Money Saving Tip: Use ETL Tool for Data Quality


Attention, bargain shoppers and frugal companies. If you'd like to have a data quality tool, but just can't spare the funds for a full solution, then I've found a deal for you.


You can use your ETL (extract, transform and load) tool for detecting data problems, cleansing the data and even maintaining data quality.


Granted, some of you may already know about this cost-saving data tip-although, according to Data Quality Pro, a surprising number of organizations do not realize the humble ETL's potential as data quality tool.


Now, for some of you, ETL may not be good enough-more on that later-or perhaps you've already invested in a full data quality solution. That's how it is with frugal advice. Sometimes it works for you, sometimes it doesn't. For instance, I will happily hang a few shirts out to dry on a sunny day, but I'm not going to make my own baby wipes.
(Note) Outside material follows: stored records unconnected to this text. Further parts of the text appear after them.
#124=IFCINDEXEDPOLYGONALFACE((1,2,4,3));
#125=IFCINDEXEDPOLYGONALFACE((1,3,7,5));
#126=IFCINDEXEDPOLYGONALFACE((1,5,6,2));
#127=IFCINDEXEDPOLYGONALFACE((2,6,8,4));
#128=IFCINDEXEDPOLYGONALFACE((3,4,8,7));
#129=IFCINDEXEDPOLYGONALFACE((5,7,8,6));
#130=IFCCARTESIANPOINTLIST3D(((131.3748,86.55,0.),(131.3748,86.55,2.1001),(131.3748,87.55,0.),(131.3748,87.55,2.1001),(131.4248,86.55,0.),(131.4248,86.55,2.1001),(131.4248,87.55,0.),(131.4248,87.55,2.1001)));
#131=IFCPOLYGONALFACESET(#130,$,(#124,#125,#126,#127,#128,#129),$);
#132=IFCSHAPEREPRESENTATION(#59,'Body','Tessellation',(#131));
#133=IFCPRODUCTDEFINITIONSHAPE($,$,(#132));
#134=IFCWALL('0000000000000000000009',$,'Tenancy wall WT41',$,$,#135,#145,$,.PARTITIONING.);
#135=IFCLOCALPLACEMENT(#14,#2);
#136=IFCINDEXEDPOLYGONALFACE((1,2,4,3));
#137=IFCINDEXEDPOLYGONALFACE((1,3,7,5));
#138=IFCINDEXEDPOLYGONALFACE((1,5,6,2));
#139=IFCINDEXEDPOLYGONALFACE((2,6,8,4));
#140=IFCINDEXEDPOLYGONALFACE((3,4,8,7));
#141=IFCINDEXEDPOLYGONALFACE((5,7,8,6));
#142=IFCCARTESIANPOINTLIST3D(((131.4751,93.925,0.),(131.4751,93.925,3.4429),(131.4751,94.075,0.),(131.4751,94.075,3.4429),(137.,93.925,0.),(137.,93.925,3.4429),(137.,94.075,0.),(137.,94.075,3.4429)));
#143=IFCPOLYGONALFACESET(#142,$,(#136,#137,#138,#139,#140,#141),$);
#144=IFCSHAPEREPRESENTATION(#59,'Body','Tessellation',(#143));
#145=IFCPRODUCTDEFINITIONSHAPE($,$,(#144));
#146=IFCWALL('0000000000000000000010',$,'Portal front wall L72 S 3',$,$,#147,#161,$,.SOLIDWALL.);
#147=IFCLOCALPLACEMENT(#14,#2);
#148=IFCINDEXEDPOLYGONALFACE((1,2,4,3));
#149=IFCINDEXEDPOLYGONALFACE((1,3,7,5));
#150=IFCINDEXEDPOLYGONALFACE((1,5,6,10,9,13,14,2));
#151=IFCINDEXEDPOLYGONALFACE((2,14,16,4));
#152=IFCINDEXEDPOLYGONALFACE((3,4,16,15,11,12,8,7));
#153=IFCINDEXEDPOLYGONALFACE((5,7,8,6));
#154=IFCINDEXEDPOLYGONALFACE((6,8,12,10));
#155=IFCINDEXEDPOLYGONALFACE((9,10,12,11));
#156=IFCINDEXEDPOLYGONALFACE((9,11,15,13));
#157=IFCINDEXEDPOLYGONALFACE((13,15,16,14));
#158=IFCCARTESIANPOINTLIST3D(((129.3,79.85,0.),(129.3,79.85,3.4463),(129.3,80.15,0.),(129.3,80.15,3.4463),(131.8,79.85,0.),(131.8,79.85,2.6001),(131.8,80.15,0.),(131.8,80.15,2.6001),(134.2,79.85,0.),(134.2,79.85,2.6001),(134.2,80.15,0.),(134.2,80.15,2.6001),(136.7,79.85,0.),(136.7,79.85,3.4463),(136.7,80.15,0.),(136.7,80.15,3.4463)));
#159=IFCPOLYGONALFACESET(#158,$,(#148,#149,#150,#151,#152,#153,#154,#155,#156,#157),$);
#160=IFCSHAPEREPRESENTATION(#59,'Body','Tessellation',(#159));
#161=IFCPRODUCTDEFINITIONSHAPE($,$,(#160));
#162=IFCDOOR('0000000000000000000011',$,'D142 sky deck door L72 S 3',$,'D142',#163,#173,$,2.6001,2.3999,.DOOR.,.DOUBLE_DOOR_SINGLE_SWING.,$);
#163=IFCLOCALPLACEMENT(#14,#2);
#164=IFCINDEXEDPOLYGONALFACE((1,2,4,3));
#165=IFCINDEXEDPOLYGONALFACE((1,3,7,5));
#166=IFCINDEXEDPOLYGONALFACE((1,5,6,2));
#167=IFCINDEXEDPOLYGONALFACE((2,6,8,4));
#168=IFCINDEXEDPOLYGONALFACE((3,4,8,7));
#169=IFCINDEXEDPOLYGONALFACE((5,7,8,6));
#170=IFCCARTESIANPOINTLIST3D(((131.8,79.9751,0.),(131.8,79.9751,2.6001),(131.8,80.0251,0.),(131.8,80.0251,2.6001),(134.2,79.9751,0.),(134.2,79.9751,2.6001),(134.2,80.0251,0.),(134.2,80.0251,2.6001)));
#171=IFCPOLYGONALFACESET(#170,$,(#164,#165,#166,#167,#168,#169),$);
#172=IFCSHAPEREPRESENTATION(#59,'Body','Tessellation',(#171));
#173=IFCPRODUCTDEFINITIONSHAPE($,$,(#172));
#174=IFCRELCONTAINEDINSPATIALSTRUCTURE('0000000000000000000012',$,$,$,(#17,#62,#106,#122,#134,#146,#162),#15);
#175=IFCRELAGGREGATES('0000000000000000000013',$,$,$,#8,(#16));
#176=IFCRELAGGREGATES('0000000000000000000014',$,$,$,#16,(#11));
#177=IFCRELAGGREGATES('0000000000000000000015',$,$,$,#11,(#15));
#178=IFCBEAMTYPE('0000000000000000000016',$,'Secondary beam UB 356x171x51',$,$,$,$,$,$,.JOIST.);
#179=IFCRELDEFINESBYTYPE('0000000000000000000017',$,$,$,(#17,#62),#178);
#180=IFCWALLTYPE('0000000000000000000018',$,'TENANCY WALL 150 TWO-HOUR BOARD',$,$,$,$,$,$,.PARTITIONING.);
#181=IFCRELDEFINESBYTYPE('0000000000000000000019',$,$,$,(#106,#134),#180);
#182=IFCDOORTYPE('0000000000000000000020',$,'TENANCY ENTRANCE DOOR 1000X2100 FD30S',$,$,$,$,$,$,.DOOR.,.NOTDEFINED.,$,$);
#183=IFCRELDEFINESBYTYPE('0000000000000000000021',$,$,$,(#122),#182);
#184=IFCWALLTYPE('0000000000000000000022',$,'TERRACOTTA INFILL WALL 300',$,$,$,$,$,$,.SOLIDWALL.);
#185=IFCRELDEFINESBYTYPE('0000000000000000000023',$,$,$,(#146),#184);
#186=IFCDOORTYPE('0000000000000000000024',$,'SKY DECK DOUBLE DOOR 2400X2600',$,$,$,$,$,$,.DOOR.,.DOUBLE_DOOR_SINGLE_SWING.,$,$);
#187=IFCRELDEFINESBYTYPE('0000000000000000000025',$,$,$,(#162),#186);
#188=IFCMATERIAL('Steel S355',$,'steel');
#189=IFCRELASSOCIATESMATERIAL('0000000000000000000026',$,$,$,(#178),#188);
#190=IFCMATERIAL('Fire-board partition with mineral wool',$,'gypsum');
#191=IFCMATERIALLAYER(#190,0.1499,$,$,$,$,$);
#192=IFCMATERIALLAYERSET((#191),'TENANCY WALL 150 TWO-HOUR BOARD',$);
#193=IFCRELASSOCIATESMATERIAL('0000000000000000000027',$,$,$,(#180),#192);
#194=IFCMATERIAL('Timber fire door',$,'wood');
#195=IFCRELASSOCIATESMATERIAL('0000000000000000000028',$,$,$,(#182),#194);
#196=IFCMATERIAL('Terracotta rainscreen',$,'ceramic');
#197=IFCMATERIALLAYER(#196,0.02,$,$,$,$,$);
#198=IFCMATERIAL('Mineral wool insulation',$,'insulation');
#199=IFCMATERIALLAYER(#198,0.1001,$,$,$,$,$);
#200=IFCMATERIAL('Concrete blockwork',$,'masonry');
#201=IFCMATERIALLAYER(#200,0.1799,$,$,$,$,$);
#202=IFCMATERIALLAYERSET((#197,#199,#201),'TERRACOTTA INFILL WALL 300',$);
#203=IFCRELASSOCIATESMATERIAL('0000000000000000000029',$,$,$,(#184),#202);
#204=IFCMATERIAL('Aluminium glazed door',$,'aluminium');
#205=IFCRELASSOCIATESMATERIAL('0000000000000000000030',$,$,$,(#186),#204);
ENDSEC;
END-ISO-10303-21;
The Data Quality Pro piece warns it isn't a replacement for a high-end data quality solution, but if you want better data, but can't afford a full-blown investment, an ETL can be an excellent starting point for three reason:

  1. You already have one-or more-on hand. So, you won't have to buy anything new.
  2. An ETL can address nearly 70 percent of data quality requirements, according to Data Quality Pro, which used Arkady Maydanchik's "Data Quality Assessment" framework as a gauge. That remaining 30 percent? Only 7 percent of it is completely non-complaint. It's not perfect, but it's better than 100 percent unsure, right?
  3. You can use the ETL data quality approach to tackle low-hanging fruit problems, and then turn any cost savings into a down payment for a full-blown tool-or, at least, that's what the Data Quality Pro piece recommends. I say it's your money, do what you want with it.


The piece offers three steps for an ETL data quality project, but to be honest, it's more tips for succeeding with this approach -- understand underlying data quality principles, pick the low-hanging fruit, yadayada. There's not a lot of detail here on how to actually make it work. That said, some of the comments offer helpful advice.


However, if you'd like more specifics, check out this excellent IT toolbox wiki on ETL data quality, with Vincent McBurney, a Deloitte manager, as the major editor. It offers more detail on how ETL can work for detecting problems, cleansing the data and then auditing for quality control.


And if you want to get really specific, you can check out this short article-complete with diagram - about how to perform basic data cleansing using an ETL tool.